Using the perspective of "pretentious" multiplicative number theory, one can see that these $L$ functions are correlated with each other through the Deuring-Heilbronn repulsion phenomenon, but there is not a simple identity connecting the two (unless one is willing to introduce zeta functions of biquadratic fields, as mentioned in my comment above).

This is easiest to explain through formal calculations at $s=1$. From formal manipulation of the Euler product one has

$$ L(1,\chi) = \prod_p (1 - \frac{\chi(p)}{p})^{-1}$$
$$ \approx \exp( \sum_p \frac{\chi(p)}{p} ).$$

Thus, we expect Siegel zero type behaviour (unusually small values of $L(1,\chi)$) precisely when the (conditionally convergent) sum $\sum_p \frac{\chi(p)}{p}$ is unusually large and negative, or more informally if the primes $p$ are unusually biased towards the set $\{ n: \chi(n)=-1\}$ rather than $\{ n: \chi(n)=+1\}$ (e.g. if they are unusually biased to be quadratic non-residues with respect to some fixed modulus). (In the language of pretentious number theory, this implies that the Liouville function $\lambda(n)$ (or Mobius function $\mu(n)$) ``pretends'' to be $\chi(n)$ in that the two are positively correlated on primes.)

Now the repulsion phenomenon manifests itself in the simple (heuristic) observation that if $\chi(p)$ is biased to be $-1$, and $\psi(p)$ is also biased to be $-1$, then $\chi(p) \psi(p)$ should be biased to be $+1$. (To put it another way: if $\chi$ and $\psi$ both pretend to be $\lambda$, then $\chi \psi$ should pretend to be $\lambda^2 = +1$.) This can be quantified through the elementary inequality
$$ 1 + \chi(p) + \psi(p) + \chi(p) \psi(p) \geq 0$$
which is the logarithmic form of the fact mentioned in my previous comment that $\zeta(s) L(s,\chi) L(s,\psi) L(s, \chi \psi)$ has non-negative Dirichlet coefficients. This can be used to quantify various versions of the repulsion phenomenon, which roughly speaking asserts that at most one of $L(1,\chi), L(1,\psi), L(1,\chi \psi)$ can be exceptionally small. For instance, one precise inequality one can obtain from the above discussion is that
$$ \zeta(\sigma) L(\sigma,\chi) L(\sigma,\psi) L(\sigma,\chi \psi) \geq 1$$
for any real $\sigma > 1$. One can compare this with Mertens' famous inequality
$$ \zeta(\sigma)^3 |\zeta(\sigma+it)|^4 |\zeta(\sigma+2it)| \geq 1$$
that is commonly used to prove the prime number theorem. (Indeed, if one takes a suitably "adelic" viewpoint then the two inequalities are both consequences of the general theory of Rankin-Selberg products.)

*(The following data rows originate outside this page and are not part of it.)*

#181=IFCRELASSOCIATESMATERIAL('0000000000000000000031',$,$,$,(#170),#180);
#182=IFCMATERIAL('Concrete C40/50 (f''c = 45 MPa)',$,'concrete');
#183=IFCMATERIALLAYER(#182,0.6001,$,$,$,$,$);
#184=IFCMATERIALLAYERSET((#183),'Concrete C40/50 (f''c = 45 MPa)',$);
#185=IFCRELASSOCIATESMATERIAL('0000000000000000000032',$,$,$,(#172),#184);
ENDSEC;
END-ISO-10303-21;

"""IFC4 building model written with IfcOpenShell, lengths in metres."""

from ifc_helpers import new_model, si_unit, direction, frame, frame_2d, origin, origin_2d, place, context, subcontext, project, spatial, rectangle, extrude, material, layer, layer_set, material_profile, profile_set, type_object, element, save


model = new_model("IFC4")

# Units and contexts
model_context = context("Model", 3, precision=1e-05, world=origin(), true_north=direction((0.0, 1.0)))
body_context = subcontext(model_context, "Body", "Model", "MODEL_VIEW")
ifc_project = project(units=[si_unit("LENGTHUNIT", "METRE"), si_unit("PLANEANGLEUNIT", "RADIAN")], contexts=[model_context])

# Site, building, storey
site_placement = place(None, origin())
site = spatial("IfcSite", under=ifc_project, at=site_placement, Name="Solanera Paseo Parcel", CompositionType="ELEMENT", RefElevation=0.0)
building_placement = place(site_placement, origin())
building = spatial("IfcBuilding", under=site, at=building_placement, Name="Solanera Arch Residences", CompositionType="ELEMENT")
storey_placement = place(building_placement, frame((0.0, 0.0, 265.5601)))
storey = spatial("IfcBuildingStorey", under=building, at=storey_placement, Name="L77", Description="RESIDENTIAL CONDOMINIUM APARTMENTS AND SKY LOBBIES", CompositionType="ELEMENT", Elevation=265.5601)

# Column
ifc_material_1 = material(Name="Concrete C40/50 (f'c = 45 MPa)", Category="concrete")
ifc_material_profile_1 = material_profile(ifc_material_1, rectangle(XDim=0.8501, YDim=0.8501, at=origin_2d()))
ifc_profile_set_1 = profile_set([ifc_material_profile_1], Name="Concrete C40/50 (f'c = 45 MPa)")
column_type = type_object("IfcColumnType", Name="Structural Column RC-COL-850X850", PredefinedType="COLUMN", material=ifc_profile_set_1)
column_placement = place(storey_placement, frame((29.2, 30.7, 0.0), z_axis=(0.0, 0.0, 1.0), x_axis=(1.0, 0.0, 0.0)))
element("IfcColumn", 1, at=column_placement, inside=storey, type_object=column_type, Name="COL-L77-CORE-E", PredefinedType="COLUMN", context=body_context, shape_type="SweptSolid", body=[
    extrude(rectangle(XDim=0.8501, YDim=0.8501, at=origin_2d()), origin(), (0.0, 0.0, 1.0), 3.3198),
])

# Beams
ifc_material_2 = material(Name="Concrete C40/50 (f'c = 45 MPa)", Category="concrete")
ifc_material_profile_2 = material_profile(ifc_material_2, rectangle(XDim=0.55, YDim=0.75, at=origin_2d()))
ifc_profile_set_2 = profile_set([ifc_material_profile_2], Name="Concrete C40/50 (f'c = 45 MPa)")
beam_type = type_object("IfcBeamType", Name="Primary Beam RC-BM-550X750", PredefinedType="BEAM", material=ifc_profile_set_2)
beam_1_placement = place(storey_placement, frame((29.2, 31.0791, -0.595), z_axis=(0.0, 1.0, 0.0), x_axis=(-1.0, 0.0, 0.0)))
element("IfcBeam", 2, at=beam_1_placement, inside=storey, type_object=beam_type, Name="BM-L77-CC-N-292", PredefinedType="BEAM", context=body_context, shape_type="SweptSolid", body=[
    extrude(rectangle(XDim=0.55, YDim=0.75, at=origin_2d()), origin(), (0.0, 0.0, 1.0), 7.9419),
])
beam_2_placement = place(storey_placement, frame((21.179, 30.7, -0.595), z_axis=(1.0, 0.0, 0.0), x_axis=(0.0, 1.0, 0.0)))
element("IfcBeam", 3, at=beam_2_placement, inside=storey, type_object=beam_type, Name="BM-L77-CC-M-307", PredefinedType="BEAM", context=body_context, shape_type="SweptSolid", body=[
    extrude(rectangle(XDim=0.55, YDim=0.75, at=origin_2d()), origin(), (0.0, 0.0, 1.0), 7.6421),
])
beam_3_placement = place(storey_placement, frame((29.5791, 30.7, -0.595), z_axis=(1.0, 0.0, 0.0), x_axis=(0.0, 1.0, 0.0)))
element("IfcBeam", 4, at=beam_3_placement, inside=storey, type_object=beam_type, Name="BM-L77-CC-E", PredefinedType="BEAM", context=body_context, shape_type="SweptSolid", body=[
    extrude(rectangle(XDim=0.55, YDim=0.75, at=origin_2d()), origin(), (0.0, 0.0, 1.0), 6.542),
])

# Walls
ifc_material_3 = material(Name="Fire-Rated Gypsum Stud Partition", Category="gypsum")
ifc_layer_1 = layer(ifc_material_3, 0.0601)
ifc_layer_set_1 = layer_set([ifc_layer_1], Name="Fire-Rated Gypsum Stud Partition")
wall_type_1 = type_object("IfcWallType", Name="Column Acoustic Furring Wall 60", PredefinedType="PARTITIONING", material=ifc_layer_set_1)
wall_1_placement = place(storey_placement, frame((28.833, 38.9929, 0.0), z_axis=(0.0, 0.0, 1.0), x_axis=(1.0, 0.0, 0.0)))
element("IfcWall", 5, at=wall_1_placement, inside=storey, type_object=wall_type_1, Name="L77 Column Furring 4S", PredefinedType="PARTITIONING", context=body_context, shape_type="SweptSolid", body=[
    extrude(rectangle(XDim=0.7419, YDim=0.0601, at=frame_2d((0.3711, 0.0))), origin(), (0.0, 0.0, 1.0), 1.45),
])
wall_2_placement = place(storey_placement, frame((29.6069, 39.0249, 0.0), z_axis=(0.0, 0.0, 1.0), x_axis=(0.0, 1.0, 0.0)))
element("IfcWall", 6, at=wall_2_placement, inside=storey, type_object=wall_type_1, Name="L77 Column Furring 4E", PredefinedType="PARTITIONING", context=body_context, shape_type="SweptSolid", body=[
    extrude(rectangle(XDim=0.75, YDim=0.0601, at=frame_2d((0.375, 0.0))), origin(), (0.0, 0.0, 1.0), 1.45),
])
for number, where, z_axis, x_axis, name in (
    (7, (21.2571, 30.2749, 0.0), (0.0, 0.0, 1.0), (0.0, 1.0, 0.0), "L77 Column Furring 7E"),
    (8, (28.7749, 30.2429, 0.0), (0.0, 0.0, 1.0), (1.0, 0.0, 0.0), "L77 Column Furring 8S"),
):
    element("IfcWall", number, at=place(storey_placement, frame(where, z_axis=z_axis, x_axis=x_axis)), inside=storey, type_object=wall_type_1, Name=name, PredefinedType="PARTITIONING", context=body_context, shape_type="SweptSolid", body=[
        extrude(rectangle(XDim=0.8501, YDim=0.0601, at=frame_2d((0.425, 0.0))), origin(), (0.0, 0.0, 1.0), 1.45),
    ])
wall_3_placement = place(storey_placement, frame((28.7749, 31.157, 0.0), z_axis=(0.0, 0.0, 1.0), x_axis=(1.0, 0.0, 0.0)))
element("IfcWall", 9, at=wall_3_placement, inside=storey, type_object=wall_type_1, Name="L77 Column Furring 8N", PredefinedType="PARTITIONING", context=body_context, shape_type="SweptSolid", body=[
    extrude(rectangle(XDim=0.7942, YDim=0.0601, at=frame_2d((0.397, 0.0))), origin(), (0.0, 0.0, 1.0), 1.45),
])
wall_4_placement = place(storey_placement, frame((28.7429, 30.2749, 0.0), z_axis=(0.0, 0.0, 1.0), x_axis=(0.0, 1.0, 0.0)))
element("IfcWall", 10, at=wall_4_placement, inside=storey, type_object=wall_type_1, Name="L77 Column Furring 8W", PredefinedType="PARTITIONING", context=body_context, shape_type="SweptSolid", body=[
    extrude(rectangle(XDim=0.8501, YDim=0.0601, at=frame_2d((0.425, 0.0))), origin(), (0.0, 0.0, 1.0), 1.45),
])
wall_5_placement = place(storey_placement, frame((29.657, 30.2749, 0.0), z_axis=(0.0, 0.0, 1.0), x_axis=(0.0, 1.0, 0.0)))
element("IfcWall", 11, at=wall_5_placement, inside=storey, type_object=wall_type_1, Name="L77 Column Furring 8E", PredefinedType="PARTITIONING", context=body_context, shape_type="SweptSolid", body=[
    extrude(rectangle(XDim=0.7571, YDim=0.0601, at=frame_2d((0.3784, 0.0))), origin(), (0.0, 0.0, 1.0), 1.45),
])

Note however that the repulsion effect only provides *inequalities* between the behaviour of $L(s,\chi), L(s,\psi), L(s,\chi\psi)$, rather than *identities*. For instance, if one knew that $\chi(p)$ was $-1$ $60\%$ of the time (for some range of $p$), and $\psi(p)$ was $-1$ $70\%$ of the time, then this lets one bound the proportion of $p$ for which $\chi(p) \psi(p)=+1$ to be between $30\%$ and $90\%$, but does not pin things down precisely. To achieve the latter one would need to understand the precise behaviour of the quantity $1 + \chi(p) + \psi(p) + \chi(p) \psi(p)$, which is captured by the zeta function of a biquadratic field (modulo some local factors, and assuming that $\chi, \psi, \chi \psi$ are non-principal). Unfortunately, the main way we know of to understand the latter is to break things back up into Dirichlet L-functions...

At some point there is going to be a monograph by Granville and Soundararajan on the pretentious approach, but until then, one can look for instance at

*Andrew Granville and K. Soundararajan*, MR 2276774 **Large character sums: pretentious characters and the Pólya-Vinogradov theorem**, *J. Amer. Math. Soc.* **20** (2007), no. 2, 357--384.

and various followup papers for more precise discussions of these topics.